Chris: Essentially, with our hopping robot we kind of have a neat design feature which allows us to gradually store energy using small motors.

That energy is stored in a spring.

Tom Bewley: And then this forebar mechanism has this locking capability that it can lock shut. You can gradually accumulate energy in the spring, you can get moving quickly and then pow, release the thing, get airborne, and you can clear a hole in the ground or clear an obstacle.

They call it iHop, lowercase I, capital H, of course. Chris says iHop has practical applications.

Chris:The initial source of funding was from Los Alamos and the Department of Energy, and the, sort of, motivation was unmanned stockpile surveillance, so to monitor the nuclear stockpile, where you wouldn't want to send a person in an environment where you would have to hop on to things and so forth.

The students also want toy companies to pay attention. They built a less complicated robot named iLean, iHop's non-hopping little sister. iLean can lift herself up, stand on her robotic tippy toes and lean onto an obstacle. Imagine a reverse Slinkee that seems to defy gravity.

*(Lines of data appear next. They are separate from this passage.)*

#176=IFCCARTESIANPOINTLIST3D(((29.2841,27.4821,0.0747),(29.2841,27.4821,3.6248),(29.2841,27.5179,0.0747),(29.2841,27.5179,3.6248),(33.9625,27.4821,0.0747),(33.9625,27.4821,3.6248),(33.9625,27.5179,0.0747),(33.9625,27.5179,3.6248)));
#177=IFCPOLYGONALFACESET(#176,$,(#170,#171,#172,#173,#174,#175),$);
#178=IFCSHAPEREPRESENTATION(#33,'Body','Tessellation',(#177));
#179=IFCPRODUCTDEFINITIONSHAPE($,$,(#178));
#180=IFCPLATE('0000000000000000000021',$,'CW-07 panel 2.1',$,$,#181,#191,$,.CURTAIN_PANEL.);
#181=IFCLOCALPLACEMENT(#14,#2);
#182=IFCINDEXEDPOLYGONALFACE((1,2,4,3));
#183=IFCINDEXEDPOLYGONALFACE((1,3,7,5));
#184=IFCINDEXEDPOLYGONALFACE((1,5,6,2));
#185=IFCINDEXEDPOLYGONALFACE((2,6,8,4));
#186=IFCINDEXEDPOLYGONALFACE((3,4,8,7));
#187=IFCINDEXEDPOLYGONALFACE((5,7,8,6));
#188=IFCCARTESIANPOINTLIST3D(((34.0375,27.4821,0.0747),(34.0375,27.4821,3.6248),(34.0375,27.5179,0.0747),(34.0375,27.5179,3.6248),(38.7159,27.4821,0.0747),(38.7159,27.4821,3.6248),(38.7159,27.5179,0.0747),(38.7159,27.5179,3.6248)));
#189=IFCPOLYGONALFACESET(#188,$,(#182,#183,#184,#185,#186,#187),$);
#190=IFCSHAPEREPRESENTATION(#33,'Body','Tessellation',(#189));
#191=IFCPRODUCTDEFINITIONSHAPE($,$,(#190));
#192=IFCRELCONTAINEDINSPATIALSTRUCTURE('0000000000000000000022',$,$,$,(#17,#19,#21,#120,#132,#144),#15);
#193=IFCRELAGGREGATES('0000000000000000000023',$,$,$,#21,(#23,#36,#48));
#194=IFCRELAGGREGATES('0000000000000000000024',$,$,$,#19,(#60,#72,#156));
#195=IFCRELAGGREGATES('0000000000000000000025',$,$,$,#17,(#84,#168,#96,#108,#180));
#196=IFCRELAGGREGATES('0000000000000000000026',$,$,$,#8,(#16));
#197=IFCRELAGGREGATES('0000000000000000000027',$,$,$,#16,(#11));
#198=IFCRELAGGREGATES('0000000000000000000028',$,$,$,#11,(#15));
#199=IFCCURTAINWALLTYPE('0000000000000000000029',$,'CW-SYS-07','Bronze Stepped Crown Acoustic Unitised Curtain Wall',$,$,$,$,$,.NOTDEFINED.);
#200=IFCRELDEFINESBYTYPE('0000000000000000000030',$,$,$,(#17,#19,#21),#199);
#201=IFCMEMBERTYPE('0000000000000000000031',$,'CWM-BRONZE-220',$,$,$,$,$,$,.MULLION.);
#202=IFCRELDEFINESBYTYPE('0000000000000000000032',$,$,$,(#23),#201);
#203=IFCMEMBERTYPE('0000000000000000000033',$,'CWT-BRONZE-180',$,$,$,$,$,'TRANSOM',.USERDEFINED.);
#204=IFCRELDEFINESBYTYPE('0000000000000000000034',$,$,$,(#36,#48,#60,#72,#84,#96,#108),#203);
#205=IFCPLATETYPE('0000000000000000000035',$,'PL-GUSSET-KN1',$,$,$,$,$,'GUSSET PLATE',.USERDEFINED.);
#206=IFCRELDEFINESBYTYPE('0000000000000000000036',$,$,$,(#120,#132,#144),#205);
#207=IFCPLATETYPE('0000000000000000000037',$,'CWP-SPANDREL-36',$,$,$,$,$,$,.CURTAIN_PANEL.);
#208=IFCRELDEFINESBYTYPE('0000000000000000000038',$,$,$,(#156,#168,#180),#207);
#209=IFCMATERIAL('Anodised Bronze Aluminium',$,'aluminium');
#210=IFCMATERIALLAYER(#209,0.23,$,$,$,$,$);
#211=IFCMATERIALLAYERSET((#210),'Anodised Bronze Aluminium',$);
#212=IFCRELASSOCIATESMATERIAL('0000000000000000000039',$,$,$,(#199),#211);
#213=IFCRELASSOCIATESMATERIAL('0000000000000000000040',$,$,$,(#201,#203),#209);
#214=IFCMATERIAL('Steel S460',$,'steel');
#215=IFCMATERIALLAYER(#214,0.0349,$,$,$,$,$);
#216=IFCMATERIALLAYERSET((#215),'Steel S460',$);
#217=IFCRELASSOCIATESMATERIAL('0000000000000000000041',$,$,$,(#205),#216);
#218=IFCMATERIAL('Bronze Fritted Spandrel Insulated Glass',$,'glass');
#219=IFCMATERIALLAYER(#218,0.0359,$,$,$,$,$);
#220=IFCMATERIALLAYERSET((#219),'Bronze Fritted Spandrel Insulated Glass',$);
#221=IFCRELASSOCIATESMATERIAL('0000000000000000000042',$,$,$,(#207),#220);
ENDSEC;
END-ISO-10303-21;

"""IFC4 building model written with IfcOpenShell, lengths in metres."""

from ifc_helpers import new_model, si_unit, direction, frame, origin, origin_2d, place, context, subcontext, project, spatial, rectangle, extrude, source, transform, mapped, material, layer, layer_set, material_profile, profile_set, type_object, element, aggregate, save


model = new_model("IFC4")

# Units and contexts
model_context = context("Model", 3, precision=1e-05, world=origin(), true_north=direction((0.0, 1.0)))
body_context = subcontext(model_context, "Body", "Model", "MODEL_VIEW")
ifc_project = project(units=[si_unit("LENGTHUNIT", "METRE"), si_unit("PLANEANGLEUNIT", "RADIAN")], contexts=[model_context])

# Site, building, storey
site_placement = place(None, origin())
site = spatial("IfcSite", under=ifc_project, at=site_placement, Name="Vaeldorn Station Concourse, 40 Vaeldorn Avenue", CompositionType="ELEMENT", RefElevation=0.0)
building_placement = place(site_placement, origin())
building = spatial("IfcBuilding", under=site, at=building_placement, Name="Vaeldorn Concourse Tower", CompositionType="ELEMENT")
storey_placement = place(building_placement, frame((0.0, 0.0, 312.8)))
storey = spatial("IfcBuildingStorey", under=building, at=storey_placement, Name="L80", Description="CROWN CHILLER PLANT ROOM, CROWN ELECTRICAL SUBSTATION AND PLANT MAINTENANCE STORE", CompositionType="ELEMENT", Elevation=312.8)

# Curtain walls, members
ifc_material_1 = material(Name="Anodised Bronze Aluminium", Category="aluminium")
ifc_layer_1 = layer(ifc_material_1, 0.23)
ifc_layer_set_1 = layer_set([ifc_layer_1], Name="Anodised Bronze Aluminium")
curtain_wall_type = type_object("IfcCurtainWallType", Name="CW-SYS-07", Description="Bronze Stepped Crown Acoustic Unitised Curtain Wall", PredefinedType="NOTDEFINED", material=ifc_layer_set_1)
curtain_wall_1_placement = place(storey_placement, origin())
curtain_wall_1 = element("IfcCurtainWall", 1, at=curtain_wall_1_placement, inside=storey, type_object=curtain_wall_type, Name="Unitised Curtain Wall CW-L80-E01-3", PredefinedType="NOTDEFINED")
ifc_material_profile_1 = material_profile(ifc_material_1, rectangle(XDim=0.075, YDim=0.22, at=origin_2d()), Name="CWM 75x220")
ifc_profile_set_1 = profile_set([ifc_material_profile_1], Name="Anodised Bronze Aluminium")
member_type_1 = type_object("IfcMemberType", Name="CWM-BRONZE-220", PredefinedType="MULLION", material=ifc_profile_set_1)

A crowd has formed and this man in a business suit looks impressed.

Woei-Min Lin: Oh, very good, very good. Very interesting.

Woei-Min Lin works at SAIC, a San Diego company that builds technology for the military. He's eyeing the talent here because he says there's a shortage of engineers.

Lin: Especially high-quality ones, because a lot of people nowadays are more interested in going to Wall Street and making money. And also a lot of the students, they are really not studying science and engineering and mathematics as much as before. Look at other countries. They have a lot of other students in the engineering field.

But Lin says companies like SAIC need American-born engineers for special projects that need security clearance. And he says Americans seem more creative.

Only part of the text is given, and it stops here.